With a doctorate in renewable energy from the University of Queensland, involvement in the construction of the first wind farms in Tasmania and as chair of the Energy Supply Association’s greenhouse policy committee, maintaining a community-focused approach to business is a priority for the Tasmanian-born CEO.
“Our purpose is to see the Tasmanian community prosper from our efforts. It’s a smaller community here and we’re a large player in the community, so that’s certainly a big driver for our staff and to me, that you really can make a difference. By producing improved reliability and a better quality of service, plus providing career development opportunities for people by getting involved in new technology, its very exciting,” Dr Davis said.
The first 12 months of Aurora Energy’s Cable PI, also known as WireAlert, exceeded expectations by identifying a raft of faults and changing conditions on the Tasmanian network. Looking interstate, the Australian Energy Regulator recently approved a trial in Victoria and indicated that the device can be part of the regulated asset base.
“Aurora chose to invest (in Cable PI) because we thought it was important for safety and we asked the regulator afterward if they thought it was a prudent investment. The Victorian decision means that the AER have indicated this is a sensible way of looking out for safety, in particular broken neutrals on the network.

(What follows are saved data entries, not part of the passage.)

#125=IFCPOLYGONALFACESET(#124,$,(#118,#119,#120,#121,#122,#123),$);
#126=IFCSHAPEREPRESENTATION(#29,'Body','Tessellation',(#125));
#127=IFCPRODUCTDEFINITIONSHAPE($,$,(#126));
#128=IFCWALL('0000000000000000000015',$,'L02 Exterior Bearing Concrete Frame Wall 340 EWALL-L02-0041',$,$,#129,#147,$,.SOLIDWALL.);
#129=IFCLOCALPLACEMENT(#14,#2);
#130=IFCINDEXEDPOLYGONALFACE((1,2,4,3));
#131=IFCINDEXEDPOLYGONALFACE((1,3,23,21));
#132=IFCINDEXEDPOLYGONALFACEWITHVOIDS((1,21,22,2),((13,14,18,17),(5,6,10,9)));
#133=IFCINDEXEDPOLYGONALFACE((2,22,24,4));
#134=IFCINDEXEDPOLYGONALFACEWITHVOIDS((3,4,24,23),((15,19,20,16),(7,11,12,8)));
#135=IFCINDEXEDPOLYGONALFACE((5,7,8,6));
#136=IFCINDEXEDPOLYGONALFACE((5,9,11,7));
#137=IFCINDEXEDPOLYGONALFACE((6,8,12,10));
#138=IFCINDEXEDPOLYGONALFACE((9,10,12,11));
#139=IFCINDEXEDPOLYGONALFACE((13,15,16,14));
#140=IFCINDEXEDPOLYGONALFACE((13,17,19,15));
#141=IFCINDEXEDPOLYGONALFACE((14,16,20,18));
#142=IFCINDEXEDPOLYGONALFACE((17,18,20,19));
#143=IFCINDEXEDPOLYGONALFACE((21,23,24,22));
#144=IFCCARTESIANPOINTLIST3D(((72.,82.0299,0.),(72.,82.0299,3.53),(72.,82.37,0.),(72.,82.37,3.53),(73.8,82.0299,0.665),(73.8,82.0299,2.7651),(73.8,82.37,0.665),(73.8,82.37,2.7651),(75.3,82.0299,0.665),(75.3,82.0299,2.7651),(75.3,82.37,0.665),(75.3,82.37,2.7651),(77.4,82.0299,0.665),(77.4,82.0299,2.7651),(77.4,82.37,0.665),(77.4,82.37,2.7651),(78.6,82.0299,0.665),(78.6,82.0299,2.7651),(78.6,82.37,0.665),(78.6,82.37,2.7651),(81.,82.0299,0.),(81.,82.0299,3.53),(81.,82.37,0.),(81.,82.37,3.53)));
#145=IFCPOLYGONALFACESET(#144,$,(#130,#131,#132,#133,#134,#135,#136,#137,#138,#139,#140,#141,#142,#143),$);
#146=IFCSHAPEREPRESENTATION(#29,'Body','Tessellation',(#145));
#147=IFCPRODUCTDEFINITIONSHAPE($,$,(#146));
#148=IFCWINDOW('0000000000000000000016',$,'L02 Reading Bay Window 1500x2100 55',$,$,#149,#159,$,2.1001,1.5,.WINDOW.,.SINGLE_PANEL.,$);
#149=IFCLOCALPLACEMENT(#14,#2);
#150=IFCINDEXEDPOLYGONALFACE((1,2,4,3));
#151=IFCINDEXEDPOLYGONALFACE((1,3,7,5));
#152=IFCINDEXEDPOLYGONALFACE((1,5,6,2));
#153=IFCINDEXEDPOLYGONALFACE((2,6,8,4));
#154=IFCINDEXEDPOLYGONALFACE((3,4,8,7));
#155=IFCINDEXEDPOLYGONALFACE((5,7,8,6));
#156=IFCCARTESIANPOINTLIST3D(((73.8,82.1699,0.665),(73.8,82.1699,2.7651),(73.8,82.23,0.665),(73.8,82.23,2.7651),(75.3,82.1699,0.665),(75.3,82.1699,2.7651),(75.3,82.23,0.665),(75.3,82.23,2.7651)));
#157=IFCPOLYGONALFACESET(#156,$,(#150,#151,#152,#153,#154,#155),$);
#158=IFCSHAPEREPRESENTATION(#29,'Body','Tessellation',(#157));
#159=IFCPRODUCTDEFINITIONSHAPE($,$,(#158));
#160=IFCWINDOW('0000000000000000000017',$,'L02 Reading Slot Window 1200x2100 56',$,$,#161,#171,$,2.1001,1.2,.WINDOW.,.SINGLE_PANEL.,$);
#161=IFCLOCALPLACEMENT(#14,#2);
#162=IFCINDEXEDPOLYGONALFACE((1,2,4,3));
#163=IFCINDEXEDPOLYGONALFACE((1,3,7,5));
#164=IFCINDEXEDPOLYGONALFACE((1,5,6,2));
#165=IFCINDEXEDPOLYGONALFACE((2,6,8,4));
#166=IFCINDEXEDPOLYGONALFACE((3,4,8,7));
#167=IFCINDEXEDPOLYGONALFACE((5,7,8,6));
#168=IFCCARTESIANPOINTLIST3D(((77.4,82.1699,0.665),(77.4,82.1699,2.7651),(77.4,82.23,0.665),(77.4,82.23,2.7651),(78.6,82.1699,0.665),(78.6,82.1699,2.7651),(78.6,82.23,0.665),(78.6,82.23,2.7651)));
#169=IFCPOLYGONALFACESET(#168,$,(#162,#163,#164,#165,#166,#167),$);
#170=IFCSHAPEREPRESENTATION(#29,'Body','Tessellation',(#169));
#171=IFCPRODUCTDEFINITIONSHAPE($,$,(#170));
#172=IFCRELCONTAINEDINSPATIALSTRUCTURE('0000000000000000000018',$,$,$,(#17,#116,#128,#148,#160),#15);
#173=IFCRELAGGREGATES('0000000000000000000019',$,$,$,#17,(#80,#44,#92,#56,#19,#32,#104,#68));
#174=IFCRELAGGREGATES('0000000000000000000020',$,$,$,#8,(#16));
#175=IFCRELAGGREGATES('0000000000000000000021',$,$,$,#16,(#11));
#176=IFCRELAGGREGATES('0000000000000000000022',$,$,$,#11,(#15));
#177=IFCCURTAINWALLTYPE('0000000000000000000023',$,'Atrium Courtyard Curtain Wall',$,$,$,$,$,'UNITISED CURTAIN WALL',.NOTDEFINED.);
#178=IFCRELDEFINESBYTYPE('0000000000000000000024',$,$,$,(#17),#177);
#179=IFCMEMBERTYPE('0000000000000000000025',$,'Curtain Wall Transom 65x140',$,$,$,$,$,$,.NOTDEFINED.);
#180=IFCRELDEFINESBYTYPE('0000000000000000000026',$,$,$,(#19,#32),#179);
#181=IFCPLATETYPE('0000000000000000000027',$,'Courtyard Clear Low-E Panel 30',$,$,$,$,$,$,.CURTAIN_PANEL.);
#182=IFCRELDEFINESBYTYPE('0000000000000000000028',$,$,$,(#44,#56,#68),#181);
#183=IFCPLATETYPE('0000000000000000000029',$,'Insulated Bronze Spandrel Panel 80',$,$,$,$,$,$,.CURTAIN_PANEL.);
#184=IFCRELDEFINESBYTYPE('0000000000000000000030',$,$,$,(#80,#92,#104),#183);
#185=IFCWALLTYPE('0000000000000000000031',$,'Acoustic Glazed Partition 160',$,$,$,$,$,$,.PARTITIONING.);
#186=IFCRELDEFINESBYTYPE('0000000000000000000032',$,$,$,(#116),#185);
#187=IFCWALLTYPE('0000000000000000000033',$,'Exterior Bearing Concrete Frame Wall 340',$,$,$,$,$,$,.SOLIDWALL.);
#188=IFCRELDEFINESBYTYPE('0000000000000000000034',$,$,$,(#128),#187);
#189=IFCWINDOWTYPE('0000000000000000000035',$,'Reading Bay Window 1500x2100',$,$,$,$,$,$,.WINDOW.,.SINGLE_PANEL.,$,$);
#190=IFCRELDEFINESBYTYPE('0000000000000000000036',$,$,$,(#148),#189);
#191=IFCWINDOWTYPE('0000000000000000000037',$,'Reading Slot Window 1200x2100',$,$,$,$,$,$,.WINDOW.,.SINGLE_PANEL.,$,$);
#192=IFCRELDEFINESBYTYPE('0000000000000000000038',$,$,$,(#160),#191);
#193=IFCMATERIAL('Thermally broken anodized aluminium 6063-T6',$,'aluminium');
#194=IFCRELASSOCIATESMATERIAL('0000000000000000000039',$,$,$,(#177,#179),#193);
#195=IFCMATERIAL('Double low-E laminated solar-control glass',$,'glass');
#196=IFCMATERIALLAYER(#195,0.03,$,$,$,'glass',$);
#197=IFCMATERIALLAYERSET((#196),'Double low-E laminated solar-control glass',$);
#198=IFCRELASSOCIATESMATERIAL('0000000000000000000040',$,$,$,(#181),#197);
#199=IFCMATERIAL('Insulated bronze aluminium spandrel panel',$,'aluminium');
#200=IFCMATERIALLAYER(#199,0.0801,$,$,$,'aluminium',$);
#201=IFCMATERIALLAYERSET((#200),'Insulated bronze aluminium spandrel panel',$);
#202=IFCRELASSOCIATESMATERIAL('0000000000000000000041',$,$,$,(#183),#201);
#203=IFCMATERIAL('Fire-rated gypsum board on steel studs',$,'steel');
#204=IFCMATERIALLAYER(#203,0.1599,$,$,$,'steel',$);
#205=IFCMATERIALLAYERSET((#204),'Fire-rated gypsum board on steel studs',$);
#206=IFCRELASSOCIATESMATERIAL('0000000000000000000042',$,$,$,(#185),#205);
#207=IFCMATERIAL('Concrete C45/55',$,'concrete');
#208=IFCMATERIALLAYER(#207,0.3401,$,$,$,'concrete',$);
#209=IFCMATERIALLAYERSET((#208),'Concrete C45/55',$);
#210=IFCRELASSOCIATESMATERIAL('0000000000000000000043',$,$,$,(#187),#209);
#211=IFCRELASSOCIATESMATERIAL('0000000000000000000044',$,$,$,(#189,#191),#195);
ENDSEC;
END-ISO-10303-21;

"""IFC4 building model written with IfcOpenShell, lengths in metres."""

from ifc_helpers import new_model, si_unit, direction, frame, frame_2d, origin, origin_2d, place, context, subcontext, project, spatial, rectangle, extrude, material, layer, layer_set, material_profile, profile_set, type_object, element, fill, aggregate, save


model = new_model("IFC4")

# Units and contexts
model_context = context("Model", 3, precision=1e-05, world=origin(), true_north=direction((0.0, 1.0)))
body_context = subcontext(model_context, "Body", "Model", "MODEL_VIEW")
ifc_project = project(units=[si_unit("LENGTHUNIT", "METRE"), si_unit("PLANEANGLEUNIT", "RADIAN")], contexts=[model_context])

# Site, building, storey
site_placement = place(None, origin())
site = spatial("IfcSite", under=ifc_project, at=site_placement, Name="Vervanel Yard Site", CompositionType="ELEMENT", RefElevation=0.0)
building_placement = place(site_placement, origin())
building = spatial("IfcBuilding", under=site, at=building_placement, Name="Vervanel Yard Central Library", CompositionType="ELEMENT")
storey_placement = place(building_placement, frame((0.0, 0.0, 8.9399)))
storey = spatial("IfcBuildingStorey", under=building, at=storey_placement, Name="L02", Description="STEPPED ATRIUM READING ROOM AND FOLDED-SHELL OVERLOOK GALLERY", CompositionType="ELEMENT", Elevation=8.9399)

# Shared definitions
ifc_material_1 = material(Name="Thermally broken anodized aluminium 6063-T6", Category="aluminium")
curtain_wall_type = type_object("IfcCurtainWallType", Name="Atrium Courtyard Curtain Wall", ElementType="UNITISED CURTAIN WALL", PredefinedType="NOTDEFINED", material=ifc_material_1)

This means that if other distributors follow our lead, they may be elgible for a regulated and guaranteed return on the investment that they make on these devices,” Dr Davis said.
Dr Davis said that Aurora Energy has demonstrated through 250,000 customers that the device works and the AER now agrees it is a cost-effective and sensible way of measuring safety and therefore the distributors should be entitled to get a return through the tariffs for this investment.
“So we would rather distributors follow our lead, because if there were to be a fatality anywhere in the country as a result of a broken neutral, I’m not quite sure what you would say to the coroner given that the device is now available and could potentially avoid that circumstance,” he said.
“What’s frustrating is that we’re not seeing this technology used widely in the rest of Australia. What we have is about nine distributors out of 13 are now conducting trials. We obviously would like to see WireAlert rolled out fully to distributors networks because this technology keeps customers safe. And it also enables the asset managers to get more information on how their networks actually working, so it’s certainly a great development.”